# [Fri 1st Jun 2012] Atomic Suplex vs Mrs Mills Experience: the urban showdown -... (London SW9 8LF)



## editor (May 28, 2012)

It's an urban showdown with a HONKY TONK MUSIC HALL VS THRASH ROCK night featuring a galaxy of urban posters onstage.

This night is going to be immense, as we've got the world premiere of the incredible MRS MILLS EXPERIENCE, slamming down old time classics and partying like it's 1969.

Taking on the honky tonk might of Mrs Mills is rock-hard garage punksters ATOMIC SUPLEX. It's going to be messy!

We'll also have much drinking, dancing and party-sized earfuls of ska, electro, punk, rock'n'roll, Motown, dancehall, big band, Thin Lizzy, Beyonce and rockabilly from the DJs till 2.30am!

LIVE ONSTAGE:

MRS MILLS EXPERIENCE (onstage 11:25pm)
Rolling out a barrel of irony-untroubled, hipster-free, good time entertainment, the Mrs Mills Experience is made up of an unlikely combination of Brixton-based dance DJs and punk musicians united by their improbable love of piano-thumper extraordinaire, Mrs Gladys Mills.

Delivering a variety pack of authentic, working class singalong tunes, the Mrs Mills Experience aims to make the audience the star, unleashing a salvo of good time music for these austerity stricken times.

Such was the buzz behind this new outfit that a prestigious Saturday night slot at this year's Vintage Festival was secured - without the band even recording a demo!

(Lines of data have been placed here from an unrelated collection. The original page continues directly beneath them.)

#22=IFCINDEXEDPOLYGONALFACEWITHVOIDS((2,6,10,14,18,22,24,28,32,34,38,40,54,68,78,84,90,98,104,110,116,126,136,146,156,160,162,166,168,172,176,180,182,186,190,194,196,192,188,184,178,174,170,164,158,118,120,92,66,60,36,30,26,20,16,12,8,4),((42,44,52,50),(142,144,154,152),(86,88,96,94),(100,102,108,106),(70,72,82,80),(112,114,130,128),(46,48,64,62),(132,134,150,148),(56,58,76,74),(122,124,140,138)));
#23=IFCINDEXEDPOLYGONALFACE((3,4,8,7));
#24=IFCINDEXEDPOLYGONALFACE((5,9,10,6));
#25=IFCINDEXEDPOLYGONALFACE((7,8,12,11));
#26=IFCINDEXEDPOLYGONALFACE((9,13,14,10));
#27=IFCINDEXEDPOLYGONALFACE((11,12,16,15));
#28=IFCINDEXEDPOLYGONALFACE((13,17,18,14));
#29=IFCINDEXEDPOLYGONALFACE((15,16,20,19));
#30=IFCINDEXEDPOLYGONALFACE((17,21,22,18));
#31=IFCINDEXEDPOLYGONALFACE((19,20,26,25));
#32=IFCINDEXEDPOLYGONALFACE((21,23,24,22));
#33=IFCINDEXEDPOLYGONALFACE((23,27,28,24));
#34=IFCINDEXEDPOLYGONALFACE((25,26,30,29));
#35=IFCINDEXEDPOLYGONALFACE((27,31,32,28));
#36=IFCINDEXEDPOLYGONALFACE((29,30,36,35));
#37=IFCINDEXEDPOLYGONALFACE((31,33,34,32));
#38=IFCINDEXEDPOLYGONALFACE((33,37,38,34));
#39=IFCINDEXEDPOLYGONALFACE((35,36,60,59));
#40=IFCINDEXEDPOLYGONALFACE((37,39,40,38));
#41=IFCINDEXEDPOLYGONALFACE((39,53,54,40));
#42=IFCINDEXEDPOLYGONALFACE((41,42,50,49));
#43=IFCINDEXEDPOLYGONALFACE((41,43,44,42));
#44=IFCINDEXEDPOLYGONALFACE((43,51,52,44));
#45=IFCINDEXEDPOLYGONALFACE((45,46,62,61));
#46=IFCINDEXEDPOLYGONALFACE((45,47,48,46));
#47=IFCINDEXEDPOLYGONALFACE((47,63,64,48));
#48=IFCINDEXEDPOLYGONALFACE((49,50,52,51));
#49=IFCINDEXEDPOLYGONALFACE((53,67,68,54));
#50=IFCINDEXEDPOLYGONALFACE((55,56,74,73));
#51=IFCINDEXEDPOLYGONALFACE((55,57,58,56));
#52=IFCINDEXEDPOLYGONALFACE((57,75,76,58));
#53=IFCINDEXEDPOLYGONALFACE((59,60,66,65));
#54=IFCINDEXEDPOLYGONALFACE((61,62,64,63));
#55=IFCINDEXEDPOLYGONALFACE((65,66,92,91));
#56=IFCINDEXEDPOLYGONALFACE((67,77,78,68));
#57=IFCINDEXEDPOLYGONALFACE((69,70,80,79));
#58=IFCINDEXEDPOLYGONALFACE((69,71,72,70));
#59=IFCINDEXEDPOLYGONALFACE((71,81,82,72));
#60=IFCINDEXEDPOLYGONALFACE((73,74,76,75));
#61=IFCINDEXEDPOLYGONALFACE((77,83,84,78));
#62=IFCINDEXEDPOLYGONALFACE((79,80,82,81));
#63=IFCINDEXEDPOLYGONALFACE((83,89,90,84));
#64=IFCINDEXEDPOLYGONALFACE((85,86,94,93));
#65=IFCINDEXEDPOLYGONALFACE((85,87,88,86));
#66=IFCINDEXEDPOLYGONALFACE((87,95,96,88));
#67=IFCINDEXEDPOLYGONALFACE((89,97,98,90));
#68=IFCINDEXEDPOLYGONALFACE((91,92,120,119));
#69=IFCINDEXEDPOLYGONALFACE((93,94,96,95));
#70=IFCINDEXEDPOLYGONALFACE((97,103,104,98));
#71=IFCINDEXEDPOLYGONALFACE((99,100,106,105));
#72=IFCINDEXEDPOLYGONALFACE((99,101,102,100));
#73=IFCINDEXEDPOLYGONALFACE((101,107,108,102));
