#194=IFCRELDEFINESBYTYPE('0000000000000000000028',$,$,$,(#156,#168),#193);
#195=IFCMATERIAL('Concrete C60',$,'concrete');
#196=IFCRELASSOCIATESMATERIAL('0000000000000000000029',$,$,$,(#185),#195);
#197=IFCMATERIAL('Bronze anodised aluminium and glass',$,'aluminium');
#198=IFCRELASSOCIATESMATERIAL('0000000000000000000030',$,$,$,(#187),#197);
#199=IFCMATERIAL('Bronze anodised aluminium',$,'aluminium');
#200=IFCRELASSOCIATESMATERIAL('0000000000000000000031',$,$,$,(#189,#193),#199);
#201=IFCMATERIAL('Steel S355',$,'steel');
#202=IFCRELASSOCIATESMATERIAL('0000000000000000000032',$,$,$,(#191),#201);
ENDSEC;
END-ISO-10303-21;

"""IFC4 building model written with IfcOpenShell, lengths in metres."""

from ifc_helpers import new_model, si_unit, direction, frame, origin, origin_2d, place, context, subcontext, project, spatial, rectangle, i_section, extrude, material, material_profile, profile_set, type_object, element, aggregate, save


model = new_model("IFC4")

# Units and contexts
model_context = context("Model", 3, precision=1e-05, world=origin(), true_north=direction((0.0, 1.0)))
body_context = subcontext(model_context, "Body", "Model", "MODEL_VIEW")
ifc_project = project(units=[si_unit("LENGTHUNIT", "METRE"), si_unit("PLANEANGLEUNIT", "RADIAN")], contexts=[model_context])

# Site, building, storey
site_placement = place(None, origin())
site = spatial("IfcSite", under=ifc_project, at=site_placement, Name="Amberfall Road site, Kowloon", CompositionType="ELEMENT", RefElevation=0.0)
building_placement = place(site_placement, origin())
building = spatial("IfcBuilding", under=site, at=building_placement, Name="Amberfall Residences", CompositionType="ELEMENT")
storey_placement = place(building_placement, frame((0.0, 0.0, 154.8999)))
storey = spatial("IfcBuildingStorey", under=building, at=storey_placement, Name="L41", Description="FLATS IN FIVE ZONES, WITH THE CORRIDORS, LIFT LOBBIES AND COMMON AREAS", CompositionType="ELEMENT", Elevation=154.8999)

ATOMIC SUPLEX (onstage 10:30pm)
Already a smash in Japan, this loud, trashy rock'n'roll band will be performing their hot new single, 'Rock & Roll Must Die'.

Expect screeching guitars, brain-drilling bass, pounding drums and a half ton of feedback from this awesome garage punk outfit - Sonics meet Guitar Wolf!


----------



## colacubes (Jun 1, 2012)

Bumpage for it is tonight


----------



## editor (Jun 1, 2012)

Yeah!


----------



## rutabowa (Jun 1, 2012)

ready for this!! well not yet but i will be.


----------



## Dooby (Jun 1, 2012)

I am enraged that everyone who says they are going on facebook are not actually going   Well maybe not exactly everyone but enough to confuse and confound me and now I just dunno what to do.


----------



## editor (Jun 1, 2012)

They'd better be going!


----------



## wemakeyousoundb (Jun 1, 2012)

Dooby said:


> I am enraged that everyone who says they are going on facebook are not actually going  Well maybe not exactly everyone but enough to confuse and confound me and now I just dunno what to do.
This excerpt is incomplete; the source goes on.